Der US-Schriftsteller und Journalist Hunter S. Thompson ist tot. Der 67-jährige habe sich allem Anschein nach am Sonntag in seinem Haus in Woody Creek im US-Bundesstaat Colorado erschossen, sagte eine Behördensprecherin des Landkreises Pitkin County. Weitere Angaben zum Tod des Schriftstellers, den manche Kritiker zu den bedeutendsten US-Autoren des 20. Jahrhunderts rechnen, wollte die Sprecherin zunächst nicht machen.
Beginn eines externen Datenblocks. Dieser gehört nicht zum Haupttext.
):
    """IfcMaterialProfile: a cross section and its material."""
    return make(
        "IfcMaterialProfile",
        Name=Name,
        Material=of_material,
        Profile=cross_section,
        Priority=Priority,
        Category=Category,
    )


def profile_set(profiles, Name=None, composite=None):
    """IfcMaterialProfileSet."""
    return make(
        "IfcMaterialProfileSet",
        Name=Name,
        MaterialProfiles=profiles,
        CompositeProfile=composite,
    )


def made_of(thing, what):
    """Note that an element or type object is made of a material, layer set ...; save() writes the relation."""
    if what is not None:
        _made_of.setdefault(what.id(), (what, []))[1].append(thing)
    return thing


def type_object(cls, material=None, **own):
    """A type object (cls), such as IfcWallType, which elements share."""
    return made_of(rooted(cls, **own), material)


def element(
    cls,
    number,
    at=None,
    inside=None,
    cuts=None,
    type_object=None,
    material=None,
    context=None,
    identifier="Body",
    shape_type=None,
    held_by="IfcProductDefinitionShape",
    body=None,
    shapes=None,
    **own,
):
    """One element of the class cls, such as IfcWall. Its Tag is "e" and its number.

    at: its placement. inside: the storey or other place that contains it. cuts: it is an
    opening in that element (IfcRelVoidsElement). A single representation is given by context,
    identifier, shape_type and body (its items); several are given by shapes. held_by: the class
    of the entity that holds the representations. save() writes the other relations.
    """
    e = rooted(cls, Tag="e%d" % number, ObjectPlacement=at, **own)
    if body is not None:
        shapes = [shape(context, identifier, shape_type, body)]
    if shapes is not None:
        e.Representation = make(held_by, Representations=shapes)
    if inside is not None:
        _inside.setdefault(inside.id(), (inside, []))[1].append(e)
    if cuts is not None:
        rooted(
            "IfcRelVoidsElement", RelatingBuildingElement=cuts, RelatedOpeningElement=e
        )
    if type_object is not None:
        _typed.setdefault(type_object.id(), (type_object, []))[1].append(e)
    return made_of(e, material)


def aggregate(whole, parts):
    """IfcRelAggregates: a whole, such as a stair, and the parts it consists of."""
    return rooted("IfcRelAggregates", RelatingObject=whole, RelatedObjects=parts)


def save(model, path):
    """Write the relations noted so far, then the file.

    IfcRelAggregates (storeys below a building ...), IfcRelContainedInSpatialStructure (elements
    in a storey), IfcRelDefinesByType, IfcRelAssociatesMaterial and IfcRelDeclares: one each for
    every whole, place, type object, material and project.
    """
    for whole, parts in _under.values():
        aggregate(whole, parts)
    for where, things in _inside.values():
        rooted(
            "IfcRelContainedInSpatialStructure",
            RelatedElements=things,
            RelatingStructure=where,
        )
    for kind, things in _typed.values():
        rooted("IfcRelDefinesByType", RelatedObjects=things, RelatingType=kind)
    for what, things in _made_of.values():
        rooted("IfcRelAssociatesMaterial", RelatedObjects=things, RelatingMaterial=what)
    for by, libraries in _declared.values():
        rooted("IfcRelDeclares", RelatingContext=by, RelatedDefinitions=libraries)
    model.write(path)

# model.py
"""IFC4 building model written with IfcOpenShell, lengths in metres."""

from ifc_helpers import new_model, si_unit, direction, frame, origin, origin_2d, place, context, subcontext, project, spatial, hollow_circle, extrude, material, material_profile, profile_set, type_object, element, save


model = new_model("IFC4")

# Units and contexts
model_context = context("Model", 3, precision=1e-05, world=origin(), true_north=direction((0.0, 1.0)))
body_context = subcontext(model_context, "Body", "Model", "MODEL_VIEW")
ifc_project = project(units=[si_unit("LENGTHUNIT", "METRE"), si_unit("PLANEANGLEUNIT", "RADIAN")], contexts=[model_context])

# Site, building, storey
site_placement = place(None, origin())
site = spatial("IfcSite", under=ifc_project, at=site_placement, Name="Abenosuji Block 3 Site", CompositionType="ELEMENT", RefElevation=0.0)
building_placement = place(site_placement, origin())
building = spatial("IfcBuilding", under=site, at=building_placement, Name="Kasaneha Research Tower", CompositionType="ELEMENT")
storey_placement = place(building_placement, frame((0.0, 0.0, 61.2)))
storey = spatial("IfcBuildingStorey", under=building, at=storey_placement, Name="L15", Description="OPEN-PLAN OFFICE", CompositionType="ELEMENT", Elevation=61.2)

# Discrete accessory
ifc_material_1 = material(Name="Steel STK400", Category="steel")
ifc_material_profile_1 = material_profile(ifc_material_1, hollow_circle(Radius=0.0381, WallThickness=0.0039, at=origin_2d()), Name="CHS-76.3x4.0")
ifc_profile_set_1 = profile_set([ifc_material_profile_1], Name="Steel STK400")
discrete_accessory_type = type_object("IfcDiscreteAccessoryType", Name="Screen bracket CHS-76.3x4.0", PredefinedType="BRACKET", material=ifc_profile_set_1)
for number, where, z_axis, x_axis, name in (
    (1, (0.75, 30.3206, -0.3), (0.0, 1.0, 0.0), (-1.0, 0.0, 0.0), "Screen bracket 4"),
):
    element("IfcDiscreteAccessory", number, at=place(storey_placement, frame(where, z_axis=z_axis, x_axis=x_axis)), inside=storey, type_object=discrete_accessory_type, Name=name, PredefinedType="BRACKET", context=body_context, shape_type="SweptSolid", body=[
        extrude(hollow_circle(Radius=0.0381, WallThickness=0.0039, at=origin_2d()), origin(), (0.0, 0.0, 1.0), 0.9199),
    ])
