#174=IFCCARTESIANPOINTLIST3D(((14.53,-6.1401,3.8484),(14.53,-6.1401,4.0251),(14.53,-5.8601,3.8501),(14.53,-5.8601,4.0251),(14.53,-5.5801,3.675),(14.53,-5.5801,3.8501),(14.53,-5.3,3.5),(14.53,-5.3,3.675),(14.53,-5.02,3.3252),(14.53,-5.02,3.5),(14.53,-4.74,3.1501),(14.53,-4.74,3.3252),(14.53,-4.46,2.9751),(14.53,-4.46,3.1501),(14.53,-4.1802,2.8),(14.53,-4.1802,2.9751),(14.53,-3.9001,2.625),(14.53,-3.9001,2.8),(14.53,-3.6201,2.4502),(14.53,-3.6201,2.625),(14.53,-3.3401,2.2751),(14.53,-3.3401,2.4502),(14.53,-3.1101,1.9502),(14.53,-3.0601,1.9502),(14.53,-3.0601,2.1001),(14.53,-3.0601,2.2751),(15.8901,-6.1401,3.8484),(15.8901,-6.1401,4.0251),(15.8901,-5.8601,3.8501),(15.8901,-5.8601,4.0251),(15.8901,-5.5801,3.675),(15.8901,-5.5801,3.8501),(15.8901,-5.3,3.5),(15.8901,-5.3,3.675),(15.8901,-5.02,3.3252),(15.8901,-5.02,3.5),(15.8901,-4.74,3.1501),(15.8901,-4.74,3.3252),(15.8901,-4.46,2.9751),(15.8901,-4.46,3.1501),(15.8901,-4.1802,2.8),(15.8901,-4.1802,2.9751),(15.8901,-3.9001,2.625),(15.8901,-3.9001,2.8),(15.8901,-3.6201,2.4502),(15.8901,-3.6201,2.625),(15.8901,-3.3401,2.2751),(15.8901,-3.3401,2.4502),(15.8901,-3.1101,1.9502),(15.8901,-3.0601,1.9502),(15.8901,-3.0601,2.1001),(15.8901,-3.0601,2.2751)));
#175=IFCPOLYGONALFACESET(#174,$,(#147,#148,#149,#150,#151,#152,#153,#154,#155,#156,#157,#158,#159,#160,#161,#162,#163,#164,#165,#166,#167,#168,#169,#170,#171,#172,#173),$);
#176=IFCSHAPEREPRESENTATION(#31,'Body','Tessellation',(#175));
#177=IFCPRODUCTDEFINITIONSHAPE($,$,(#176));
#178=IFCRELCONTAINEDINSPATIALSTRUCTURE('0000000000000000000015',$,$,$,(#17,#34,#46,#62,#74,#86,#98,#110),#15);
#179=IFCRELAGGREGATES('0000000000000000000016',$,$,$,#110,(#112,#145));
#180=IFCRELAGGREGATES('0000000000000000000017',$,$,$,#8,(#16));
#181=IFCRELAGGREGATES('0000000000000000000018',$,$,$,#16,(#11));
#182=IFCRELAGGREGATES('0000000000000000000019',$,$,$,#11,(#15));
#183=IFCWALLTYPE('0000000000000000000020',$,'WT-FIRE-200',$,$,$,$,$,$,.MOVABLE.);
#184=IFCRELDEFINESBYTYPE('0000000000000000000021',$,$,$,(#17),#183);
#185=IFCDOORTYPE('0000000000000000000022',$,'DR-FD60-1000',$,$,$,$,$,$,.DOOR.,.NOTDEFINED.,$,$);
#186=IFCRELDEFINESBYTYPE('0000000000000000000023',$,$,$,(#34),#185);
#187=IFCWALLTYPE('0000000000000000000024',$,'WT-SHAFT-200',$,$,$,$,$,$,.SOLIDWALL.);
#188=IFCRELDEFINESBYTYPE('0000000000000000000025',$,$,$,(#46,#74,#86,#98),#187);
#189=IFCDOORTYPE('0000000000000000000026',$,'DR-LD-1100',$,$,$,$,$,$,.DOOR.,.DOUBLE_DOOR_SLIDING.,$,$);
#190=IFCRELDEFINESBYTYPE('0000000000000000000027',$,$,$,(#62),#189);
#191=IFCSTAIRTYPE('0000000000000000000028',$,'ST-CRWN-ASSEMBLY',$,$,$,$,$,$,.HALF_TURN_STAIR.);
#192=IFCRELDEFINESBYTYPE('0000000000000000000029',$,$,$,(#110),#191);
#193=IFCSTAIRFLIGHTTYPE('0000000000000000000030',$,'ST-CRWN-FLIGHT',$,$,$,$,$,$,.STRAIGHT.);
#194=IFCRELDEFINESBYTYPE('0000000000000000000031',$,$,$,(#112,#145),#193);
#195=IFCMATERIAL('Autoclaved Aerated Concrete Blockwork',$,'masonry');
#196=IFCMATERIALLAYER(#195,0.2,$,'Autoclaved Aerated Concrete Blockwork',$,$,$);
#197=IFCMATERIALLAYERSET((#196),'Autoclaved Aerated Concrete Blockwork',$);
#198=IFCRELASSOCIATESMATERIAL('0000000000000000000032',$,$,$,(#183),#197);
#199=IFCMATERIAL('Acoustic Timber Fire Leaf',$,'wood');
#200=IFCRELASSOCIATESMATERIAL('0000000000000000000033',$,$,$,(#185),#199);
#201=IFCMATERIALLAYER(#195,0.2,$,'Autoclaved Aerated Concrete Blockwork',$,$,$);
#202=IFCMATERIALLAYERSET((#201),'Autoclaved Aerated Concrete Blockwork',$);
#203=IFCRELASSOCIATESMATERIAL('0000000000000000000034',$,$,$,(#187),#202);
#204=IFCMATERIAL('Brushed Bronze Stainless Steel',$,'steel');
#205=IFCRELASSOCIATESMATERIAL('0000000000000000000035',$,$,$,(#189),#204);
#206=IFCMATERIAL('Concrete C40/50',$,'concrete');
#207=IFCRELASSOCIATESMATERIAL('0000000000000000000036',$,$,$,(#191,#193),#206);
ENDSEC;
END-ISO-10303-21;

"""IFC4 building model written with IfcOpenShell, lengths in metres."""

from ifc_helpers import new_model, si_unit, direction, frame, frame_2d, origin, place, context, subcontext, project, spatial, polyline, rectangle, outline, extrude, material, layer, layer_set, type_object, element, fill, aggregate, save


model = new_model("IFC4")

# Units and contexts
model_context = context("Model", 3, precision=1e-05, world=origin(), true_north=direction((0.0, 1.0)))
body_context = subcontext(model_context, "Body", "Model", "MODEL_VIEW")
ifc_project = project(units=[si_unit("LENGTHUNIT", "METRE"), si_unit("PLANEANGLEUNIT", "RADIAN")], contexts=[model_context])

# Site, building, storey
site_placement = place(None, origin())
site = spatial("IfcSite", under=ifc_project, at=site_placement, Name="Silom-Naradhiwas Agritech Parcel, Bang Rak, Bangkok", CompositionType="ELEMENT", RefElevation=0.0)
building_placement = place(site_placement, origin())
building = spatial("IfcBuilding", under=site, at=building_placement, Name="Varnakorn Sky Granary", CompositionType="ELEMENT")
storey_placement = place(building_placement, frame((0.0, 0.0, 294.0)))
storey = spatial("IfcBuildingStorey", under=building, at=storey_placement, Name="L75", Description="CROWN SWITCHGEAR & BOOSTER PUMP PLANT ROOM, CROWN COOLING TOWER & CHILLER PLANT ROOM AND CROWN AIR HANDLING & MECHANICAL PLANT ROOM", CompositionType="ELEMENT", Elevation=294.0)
Drogen- und Alkoholexzesse waren fester Bestandteil von Thompsons Leben und seiner Werke. Der Autor, der stets mit Sonnenbrille und Zigarette auftrat, wurde damit in den 60er und 70er Jahren zu einem der Helden der amerikanischen Gegenkultur. Mit scharf formulierter Gesellschaftskritik im Grenzbereich zwischen Journalismus und literarischer Fiktion schuf er einen eigenen Stil, der als „Gonzo-Journalismus“ bekannt wurde.

Ein moderner Klassiker ist sein 1971 veröffentlichtes Buch „Fear and Loathing in Las Vegas“ (Angst und Schrecken in Las Vegas). Fünf Jahre zuvor war er durch sein Buch „Hell’s Angels“ bekannt geworden, in dem er seine Beziehung zu der damals weithin gefürchteten Rockergruppe schildert.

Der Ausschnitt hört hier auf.